The Supreme Court ruled that Ali should have been allowed to immediately appeal a Court of Appeals decision that rejected his attorney’s call for the indictment against him to be thrown out based on the dispute over his age. It was a fairly unusual move last April when the Supreme Court agreed to hear Ali’s appeal immediately.

The state claims that Ali was born on January 1, 1993, which would have made him 17 at the time of the killings, and eligible to be tried as an adult. Ali, however, claimed he was only 15 and should have been tried in the state’s juvenile justice system instead.

Ali argued that Hennepin County Attorney Mike Freeman should have been required to prove Ali’s age beyond a reasonsable doubt rather than merely through the preponderance of the evidence, as a district court ruled.

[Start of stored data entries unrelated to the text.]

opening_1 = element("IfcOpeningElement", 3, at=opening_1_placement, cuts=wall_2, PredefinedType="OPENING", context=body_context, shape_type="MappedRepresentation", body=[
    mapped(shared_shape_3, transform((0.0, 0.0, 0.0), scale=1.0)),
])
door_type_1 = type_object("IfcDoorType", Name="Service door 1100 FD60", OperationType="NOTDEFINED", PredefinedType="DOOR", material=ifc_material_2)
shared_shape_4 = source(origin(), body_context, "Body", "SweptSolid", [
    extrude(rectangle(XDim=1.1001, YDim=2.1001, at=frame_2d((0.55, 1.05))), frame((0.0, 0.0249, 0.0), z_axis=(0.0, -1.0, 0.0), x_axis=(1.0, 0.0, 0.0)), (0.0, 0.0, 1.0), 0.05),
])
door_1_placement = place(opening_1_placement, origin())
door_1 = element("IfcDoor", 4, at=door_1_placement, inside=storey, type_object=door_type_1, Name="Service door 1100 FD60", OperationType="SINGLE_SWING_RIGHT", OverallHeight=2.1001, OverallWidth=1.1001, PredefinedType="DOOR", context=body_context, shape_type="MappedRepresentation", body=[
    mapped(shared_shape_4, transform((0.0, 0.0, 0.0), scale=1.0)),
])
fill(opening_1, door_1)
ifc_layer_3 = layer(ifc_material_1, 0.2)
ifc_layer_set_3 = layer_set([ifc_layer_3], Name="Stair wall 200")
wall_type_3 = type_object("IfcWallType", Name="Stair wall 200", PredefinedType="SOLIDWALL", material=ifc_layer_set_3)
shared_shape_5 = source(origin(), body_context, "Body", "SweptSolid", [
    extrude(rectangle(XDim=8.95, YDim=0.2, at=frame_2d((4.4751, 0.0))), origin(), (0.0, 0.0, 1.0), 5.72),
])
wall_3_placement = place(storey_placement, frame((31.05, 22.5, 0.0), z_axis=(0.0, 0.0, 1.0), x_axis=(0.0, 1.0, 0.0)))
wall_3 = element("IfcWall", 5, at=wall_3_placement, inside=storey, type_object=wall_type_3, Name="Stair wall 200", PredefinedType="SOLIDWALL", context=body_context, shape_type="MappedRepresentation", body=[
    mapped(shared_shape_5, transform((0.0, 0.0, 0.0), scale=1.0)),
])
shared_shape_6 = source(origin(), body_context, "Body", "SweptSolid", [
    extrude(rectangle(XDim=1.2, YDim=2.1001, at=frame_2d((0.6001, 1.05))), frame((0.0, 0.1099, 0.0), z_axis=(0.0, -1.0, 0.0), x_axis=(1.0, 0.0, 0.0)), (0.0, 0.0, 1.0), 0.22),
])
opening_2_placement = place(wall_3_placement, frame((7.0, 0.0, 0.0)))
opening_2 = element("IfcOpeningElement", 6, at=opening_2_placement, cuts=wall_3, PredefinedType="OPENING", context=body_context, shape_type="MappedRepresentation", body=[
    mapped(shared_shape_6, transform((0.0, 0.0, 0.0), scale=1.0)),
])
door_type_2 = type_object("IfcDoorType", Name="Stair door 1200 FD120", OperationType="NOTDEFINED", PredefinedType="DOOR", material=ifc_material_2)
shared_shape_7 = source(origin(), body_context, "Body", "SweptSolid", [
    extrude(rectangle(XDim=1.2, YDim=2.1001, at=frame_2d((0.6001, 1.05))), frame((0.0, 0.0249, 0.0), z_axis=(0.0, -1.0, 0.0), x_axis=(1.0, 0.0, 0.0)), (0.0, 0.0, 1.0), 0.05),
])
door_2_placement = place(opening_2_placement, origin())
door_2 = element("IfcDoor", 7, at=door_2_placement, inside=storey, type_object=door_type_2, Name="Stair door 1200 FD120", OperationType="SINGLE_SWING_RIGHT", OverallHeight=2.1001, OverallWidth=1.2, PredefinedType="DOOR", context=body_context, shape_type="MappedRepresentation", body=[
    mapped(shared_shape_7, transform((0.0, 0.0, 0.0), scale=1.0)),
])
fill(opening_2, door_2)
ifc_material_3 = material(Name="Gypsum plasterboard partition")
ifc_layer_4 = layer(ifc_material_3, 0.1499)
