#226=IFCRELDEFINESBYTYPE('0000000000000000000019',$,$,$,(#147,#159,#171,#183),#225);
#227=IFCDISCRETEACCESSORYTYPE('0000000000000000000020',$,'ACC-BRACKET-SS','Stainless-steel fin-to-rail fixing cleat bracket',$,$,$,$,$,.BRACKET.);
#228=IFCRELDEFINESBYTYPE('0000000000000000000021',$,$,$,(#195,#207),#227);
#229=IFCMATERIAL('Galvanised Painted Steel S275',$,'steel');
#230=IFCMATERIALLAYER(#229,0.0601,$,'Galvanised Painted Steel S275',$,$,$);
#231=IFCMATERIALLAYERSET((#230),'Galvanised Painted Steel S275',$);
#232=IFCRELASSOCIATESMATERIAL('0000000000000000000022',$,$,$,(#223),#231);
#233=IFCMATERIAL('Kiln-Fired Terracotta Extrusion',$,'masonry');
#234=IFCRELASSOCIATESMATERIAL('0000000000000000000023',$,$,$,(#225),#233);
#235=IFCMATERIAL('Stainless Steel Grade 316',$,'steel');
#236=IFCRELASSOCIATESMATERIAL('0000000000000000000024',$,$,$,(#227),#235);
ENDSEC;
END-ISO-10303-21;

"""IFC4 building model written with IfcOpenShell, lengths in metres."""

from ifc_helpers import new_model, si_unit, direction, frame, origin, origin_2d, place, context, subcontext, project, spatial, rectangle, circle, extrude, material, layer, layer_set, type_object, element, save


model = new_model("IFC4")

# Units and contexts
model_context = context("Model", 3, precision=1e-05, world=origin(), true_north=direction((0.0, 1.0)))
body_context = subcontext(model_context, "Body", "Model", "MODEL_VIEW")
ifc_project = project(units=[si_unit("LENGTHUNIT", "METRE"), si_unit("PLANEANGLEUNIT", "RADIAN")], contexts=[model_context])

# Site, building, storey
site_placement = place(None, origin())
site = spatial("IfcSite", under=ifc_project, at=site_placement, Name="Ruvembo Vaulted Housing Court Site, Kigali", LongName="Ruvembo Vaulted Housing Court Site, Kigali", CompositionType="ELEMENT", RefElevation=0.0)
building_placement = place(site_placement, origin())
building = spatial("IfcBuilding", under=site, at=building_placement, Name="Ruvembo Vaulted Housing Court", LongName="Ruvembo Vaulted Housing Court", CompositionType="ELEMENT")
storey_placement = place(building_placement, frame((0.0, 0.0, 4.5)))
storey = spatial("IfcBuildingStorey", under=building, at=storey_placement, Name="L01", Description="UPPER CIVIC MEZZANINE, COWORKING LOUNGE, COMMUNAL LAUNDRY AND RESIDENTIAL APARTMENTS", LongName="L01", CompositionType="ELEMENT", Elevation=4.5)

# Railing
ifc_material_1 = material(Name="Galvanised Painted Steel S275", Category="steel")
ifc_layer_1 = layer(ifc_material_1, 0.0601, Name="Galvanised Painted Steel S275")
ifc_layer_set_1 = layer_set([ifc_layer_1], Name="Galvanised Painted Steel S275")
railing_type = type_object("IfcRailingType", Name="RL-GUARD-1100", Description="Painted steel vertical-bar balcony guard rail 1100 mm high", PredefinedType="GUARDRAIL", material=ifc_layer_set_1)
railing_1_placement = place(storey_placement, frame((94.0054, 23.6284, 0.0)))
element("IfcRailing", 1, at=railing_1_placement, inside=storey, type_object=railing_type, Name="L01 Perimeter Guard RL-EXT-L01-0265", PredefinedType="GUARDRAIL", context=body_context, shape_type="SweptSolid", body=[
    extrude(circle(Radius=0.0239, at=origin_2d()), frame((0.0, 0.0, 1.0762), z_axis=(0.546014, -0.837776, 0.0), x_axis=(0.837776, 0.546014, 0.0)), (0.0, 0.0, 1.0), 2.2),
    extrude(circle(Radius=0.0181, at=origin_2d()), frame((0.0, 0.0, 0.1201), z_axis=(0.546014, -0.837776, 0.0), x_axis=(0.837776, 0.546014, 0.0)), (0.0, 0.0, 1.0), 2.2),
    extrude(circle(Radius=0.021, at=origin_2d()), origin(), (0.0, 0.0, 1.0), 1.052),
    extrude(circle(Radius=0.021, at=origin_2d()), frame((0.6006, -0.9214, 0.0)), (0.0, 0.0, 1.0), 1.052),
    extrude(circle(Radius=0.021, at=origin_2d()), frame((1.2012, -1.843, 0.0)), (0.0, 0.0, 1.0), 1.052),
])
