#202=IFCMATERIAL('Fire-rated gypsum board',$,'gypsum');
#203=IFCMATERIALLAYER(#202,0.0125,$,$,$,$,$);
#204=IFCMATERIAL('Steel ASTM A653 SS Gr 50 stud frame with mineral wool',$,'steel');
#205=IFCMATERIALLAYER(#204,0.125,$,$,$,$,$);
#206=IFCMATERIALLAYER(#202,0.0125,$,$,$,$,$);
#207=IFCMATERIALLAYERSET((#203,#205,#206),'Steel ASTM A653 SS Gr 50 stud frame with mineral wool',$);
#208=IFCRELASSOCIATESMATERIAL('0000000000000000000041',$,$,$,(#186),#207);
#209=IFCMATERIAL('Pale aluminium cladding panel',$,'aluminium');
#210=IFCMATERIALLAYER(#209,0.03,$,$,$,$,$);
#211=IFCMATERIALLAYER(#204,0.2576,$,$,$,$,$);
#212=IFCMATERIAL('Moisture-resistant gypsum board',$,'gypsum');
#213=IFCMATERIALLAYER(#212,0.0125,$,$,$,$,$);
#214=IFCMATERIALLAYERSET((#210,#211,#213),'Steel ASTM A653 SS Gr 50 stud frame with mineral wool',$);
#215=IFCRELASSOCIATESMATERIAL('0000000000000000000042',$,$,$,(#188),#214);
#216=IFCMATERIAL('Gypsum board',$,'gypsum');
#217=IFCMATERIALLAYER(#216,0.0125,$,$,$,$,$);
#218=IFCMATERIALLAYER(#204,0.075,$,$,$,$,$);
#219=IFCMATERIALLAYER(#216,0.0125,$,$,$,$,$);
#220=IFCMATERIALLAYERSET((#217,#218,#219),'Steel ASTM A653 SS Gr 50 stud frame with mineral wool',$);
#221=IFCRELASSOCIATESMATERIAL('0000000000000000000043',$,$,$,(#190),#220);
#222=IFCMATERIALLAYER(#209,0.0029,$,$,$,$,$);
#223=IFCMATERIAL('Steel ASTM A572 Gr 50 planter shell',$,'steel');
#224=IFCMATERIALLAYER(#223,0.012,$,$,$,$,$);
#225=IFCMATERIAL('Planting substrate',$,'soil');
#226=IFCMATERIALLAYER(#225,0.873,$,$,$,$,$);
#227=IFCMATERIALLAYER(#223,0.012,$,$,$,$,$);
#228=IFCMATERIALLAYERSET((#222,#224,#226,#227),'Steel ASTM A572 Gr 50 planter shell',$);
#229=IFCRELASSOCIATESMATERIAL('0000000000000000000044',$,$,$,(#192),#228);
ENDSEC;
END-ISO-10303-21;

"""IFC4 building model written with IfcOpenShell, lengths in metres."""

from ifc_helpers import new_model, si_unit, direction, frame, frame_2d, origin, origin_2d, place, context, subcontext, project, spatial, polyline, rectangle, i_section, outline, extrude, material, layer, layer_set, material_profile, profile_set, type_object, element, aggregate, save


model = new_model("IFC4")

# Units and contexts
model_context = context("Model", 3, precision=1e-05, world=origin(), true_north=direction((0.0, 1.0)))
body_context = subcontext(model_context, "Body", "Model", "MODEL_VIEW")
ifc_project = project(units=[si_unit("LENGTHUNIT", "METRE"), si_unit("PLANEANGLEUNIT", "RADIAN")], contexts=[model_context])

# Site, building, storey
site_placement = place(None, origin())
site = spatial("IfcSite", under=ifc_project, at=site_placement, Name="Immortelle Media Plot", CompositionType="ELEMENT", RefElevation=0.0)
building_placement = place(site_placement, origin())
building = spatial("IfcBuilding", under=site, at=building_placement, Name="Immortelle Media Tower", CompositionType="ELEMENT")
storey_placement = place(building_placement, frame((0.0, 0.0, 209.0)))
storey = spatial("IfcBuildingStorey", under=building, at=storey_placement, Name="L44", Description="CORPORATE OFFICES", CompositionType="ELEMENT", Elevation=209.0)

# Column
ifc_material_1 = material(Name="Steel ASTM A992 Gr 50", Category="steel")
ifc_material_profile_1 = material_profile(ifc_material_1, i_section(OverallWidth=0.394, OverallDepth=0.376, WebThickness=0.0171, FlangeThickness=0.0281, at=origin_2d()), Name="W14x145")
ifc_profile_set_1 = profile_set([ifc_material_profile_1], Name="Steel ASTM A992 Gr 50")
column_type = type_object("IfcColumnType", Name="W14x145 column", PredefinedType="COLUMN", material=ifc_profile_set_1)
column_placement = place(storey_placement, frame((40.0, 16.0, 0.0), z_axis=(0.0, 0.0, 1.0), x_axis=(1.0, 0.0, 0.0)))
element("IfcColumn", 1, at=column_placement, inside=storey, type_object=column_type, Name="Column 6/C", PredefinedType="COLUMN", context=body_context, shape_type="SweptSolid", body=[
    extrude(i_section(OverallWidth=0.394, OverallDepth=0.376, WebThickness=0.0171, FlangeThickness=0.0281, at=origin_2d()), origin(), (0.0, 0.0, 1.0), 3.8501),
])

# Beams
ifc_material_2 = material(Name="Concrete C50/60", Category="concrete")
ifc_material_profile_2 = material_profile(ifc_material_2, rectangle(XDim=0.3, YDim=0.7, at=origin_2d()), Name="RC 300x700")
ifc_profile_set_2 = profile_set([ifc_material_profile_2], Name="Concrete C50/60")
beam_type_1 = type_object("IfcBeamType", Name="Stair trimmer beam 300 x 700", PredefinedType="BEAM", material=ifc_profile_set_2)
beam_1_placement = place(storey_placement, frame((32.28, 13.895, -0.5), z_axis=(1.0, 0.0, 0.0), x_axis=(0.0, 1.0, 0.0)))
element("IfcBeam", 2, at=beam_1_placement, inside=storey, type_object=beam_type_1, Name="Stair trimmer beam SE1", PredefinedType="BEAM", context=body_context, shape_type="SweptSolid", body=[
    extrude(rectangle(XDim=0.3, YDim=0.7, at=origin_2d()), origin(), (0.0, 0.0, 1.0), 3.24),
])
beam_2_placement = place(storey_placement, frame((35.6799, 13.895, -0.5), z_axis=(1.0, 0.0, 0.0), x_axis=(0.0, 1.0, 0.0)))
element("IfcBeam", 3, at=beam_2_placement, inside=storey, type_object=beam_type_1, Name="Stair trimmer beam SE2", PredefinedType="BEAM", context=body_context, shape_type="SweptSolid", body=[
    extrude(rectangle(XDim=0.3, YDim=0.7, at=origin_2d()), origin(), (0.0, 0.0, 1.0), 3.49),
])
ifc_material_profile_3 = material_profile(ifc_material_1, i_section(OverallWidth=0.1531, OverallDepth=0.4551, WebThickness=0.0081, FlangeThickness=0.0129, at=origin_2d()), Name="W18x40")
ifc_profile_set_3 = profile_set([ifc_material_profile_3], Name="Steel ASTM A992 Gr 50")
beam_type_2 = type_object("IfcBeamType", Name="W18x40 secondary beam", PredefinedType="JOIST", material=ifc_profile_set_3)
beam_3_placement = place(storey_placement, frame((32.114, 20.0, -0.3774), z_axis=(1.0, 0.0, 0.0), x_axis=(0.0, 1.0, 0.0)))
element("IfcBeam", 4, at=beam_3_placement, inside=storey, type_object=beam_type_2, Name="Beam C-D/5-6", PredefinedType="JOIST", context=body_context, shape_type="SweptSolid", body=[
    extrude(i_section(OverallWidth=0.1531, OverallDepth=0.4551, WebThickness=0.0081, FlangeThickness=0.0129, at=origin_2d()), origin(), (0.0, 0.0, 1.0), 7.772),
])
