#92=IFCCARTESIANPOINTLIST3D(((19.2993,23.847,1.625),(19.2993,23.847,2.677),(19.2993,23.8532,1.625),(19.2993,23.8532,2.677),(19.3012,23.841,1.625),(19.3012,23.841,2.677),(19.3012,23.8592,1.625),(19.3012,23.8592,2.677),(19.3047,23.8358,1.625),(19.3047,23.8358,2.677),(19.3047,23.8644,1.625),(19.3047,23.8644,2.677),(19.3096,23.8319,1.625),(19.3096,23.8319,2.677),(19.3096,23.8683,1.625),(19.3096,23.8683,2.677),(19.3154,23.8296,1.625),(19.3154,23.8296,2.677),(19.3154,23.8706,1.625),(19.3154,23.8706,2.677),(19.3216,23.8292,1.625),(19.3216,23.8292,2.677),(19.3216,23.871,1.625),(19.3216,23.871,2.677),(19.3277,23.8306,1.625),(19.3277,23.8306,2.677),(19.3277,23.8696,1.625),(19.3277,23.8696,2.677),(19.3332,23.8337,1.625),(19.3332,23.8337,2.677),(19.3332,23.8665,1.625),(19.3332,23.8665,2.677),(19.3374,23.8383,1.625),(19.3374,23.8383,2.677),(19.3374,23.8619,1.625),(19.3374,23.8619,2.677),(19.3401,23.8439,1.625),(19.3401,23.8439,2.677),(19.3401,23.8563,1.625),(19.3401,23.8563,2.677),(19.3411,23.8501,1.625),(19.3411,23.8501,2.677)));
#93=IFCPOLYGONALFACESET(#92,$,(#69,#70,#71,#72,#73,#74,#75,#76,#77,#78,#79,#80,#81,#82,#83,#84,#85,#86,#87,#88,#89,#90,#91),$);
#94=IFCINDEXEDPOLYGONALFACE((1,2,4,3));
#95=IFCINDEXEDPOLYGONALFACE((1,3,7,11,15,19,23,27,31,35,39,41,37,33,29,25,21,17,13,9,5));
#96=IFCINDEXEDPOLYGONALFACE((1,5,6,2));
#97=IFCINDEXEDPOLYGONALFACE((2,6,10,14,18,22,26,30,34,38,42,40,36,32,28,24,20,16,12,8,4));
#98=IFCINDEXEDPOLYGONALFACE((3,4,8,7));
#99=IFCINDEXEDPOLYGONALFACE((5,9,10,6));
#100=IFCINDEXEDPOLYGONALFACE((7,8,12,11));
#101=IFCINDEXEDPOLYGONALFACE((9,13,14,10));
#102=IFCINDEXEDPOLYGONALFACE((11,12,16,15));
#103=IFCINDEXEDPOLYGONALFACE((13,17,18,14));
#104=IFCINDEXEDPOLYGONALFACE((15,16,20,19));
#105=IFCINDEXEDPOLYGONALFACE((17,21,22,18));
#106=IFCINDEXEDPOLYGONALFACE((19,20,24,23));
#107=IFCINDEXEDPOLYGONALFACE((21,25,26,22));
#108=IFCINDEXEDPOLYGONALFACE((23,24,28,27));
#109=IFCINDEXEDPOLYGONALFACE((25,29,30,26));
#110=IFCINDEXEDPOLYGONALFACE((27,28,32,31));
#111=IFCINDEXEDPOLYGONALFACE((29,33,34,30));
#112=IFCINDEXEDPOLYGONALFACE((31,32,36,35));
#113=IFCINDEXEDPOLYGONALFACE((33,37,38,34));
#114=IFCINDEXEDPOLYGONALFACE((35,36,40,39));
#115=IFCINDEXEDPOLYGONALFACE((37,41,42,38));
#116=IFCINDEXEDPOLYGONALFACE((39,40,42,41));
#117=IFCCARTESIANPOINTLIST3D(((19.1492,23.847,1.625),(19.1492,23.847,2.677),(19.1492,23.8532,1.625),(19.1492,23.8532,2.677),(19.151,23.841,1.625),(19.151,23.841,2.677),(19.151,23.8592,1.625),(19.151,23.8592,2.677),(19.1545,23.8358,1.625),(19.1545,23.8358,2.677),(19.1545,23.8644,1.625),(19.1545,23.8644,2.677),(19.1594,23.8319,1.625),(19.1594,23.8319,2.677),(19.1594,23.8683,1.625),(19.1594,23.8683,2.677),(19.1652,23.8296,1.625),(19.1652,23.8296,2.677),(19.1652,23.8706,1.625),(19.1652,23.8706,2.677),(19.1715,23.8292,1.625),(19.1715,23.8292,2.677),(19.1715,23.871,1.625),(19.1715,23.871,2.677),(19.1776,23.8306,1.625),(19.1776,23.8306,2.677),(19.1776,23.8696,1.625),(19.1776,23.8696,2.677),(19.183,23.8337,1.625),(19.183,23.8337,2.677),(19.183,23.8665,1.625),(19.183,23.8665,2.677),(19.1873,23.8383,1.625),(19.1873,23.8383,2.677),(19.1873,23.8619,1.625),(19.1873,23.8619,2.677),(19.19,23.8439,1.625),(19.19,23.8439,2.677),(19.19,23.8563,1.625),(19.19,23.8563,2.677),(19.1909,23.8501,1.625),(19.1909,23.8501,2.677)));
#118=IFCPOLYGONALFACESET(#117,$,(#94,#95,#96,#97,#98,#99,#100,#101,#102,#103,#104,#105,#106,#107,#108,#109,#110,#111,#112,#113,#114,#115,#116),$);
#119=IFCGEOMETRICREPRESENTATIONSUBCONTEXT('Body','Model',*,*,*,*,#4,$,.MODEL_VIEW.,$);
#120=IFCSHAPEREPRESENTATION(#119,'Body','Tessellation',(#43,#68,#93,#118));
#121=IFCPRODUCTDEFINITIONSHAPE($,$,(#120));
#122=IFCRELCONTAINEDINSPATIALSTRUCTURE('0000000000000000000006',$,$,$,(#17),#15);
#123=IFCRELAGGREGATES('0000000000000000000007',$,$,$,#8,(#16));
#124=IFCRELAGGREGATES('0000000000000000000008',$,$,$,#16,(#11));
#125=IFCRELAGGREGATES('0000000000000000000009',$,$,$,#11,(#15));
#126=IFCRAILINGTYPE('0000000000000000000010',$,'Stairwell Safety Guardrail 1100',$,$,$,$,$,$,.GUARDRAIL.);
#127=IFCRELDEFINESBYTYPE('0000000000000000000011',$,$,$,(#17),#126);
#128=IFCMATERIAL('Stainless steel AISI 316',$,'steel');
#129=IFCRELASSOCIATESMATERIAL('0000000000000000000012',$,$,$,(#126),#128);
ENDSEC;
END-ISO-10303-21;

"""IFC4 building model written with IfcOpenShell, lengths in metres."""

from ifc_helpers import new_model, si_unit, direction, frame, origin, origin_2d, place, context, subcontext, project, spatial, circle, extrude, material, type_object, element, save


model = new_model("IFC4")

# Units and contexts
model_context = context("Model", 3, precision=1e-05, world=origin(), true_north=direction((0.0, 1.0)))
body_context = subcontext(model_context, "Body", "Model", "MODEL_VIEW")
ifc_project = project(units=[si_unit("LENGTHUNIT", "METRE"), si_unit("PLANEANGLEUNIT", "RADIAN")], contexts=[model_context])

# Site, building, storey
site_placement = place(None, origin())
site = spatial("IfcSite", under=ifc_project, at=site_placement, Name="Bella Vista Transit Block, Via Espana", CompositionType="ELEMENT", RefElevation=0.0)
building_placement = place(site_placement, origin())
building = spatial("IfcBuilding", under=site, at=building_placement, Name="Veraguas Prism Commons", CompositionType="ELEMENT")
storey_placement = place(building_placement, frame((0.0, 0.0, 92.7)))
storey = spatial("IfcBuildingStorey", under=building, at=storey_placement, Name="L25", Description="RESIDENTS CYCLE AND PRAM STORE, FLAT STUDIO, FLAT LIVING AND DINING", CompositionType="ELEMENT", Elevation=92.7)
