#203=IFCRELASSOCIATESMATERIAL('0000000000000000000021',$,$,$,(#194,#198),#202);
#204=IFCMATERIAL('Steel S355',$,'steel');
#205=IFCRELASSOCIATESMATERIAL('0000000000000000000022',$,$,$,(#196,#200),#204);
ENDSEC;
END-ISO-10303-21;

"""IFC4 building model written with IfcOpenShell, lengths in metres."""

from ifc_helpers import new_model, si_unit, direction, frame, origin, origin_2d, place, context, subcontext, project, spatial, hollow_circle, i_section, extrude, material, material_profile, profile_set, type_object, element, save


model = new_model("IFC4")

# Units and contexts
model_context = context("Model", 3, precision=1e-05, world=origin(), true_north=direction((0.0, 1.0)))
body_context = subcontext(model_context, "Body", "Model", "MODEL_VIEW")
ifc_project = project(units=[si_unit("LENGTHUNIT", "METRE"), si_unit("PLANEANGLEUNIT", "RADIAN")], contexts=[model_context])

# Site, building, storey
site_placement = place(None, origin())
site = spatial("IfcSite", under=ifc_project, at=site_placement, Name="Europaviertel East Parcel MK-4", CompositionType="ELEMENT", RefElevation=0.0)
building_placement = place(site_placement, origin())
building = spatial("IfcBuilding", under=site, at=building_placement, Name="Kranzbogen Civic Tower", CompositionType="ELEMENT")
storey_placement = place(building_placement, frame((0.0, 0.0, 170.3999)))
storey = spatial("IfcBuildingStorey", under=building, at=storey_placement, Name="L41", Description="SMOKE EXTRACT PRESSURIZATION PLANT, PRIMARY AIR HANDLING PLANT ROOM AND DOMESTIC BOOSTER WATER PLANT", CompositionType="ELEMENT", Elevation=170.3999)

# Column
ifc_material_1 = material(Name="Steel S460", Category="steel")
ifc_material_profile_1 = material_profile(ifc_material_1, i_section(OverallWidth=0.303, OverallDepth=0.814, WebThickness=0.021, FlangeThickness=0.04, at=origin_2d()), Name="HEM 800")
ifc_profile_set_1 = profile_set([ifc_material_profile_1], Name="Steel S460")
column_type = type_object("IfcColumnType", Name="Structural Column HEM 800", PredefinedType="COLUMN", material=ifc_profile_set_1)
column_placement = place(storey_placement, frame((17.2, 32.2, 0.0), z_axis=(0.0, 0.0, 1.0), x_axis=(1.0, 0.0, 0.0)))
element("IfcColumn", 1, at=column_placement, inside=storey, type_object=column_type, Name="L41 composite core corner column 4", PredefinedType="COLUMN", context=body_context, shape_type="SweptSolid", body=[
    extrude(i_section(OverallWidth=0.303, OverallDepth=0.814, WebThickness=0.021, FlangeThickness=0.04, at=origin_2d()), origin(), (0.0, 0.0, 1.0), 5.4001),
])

The Supreme Court today officially rejected the argument, noting it’s fairly impossible to prove beyond all doubt, the age of people from countries that don’t keep birth records. Ali was born in Kenya:

.. because the criminal defendant and the State have an equal interest in trying the defendant in the proper court, preponderance of the evidence is the proper standard of proof in determining the defendant’s age for jurisdictional purposes. It is also significant that, although a defendant’s age may be rarely open to debate, when it is, it is the defendant who has direct knowledge and control over the information necessary to resolve the dispute. Requiring additional procedural safeguards puts an even greater burden on the State in a situation in which it is already at a disadvantage. Indeed, it is questionable in situations in which the defendant’s country of origin does not maintain birth records whether, in a case in which a defendant’s age is open to question, the State could ever meet a standard higher than preponderance of the evidence.

Ali’s attorney had filed papers in Hennepin County, asking for a new trial. Ali will be sentenced for his role in the killings later this month.